Laura looks at him with an expression of condescending pity. Luc weathers it to the best of his ability. “Fine,” he huffs, and disappears behind the curtain.

“Just what do you think you’re doing?” I hiss at Laura.

“Defending your honor, such as it is,” she parries, looking triumphant. “The whole town is already yapping about it. That Luc decided to recapture the past. Cath was here at the hospital having a shit fit. They had to call security.”

I can’t help it. I smile a little, out of the corner of my mouth.

“Don’t you smirk. Or I’ll slap it right off your face. How do you think it reflects on you? Or did you forget? Marly isn’t Montreal. It’s a small town. People talk.”

“Do they now? I wonder what they’ll talk about, seeing you here dressed like this. Where’s the free booze, Mom?”

She starts to say something, but I cut her off.

“And while we’re on the subject of people talking, can I ask you why you have a ruby-and-diamond ring that’s listed as stolen in a report about a burglary at the Fortiers?”

The shock on her face is so immediate and profound that I can’t shake the feeling it’s sincere.

“The—Fortiers? What—”

“Yeah. What. You said you inherited it from your mother, but I suppose that’s BS. A ruby-and-diamond pavé ring. I saw it in your things, but you never wear it.”

Blood drains from Laura’s face. It’s unsettling to see. I’ve hardly ever seen my mother like this. The truth is, I’d bluffed. Until now I was nowhere near certain the ring was one and the same. I’d always assumed it was a fake anyway. But here it is, the proof, right in front of me.

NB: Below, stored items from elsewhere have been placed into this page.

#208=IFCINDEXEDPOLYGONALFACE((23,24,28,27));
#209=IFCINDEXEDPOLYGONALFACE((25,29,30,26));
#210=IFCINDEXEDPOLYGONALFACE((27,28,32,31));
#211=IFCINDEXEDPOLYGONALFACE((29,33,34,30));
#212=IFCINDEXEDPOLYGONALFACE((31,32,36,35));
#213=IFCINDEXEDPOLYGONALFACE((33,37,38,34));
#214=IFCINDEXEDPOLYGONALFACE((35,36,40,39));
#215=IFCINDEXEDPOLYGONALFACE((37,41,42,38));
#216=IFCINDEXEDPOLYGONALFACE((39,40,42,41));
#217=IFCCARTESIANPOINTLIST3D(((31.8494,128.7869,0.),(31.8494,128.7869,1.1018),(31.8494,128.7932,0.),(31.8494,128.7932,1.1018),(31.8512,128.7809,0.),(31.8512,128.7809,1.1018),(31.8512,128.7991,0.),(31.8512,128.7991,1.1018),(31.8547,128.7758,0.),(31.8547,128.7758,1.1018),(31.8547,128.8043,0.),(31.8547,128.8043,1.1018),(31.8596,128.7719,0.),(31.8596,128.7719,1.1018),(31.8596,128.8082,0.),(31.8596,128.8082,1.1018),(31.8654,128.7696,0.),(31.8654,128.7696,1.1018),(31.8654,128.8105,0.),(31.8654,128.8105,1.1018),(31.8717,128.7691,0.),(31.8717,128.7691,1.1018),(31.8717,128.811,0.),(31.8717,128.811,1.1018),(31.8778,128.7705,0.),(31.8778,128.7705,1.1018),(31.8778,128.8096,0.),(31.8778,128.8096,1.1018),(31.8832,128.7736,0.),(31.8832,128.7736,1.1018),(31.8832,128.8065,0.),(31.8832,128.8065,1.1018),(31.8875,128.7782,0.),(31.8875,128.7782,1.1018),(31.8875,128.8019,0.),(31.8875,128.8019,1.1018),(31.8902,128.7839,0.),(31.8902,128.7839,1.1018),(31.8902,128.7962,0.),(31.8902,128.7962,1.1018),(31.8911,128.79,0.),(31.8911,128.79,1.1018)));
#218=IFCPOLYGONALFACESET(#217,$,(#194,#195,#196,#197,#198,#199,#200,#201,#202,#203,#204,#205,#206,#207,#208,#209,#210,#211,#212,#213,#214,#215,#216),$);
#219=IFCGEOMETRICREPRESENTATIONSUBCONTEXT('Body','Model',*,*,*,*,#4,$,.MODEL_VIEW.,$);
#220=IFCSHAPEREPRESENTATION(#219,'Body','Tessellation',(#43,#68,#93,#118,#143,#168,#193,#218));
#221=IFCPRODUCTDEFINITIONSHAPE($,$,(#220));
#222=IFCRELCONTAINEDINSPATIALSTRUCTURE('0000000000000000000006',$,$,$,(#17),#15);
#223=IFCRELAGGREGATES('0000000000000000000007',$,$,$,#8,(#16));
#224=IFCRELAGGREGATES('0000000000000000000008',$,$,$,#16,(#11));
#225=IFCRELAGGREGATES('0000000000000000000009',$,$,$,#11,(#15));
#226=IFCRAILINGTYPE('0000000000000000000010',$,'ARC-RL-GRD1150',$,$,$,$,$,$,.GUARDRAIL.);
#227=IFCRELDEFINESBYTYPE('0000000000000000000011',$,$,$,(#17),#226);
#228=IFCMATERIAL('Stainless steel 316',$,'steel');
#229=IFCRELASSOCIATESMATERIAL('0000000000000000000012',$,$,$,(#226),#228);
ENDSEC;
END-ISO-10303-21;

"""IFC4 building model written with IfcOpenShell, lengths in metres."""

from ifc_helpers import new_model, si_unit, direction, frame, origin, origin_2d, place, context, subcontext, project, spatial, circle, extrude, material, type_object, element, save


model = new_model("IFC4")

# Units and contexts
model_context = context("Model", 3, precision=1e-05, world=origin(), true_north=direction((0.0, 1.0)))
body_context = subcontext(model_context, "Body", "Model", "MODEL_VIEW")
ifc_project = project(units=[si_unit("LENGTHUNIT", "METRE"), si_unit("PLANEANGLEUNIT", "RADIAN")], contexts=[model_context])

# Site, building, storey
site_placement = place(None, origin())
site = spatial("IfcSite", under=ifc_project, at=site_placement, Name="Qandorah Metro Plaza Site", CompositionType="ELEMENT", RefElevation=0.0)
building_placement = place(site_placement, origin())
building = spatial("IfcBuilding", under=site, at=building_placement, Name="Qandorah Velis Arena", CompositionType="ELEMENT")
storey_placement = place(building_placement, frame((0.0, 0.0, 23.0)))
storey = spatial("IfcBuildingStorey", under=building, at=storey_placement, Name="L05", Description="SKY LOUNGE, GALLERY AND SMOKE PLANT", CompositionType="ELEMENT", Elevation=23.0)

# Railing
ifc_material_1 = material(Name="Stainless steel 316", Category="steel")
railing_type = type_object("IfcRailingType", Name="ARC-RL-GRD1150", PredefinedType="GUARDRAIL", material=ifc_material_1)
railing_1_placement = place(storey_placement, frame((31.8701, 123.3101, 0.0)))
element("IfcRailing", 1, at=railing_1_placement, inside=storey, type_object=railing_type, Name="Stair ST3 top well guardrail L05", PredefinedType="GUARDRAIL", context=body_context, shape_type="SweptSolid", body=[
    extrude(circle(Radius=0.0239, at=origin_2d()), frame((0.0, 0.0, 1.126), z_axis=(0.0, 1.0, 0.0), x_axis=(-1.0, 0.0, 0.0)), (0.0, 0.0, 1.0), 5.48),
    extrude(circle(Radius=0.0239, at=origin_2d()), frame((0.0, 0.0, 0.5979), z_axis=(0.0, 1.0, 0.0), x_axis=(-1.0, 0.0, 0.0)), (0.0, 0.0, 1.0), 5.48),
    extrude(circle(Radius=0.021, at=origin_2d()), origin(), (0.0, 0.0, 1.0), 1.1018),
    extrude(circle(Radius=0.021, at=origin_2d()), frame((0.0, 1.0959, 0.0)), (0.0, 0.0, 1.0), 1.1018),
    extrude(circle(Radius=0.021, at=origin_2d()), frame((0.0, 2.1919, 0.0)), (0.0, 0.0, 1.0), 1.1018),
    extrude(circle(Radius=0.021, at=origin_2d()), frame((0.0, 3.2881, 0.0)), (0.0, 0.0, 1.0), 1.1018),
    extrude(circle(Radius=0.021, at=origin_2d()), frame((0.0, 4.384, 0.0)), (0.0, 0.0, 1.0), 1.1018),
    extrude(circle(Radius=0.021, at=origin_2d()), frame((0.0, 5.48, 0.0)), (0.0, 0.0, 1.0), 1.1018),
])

“Stephanie,” she says, and her voice is completely different. No longer shrill, but hoarse and husky. “I—”

In that moment, the curtain is pulled aside once more. We both turn as if on command. It’s the doctor. Well, it’s a doctor. “Hello there,” the woman says in a forcefully cheerful voice. She glances at the chart by my bed, “Stephanie. And you must be—”

“Her mother,” Laura says in the same bloodless voice.

“Of course,” the woman says. “Laura O’Malley.”

If Laura is surprised that the woman knows her name, she doesn’t show it. She still looks stunned—so much that I start to wonder if it’s not all faked. She looks like she actually didn’t know the ring had come from the Fortiers. Thing is, can I believe anything Laura says or does?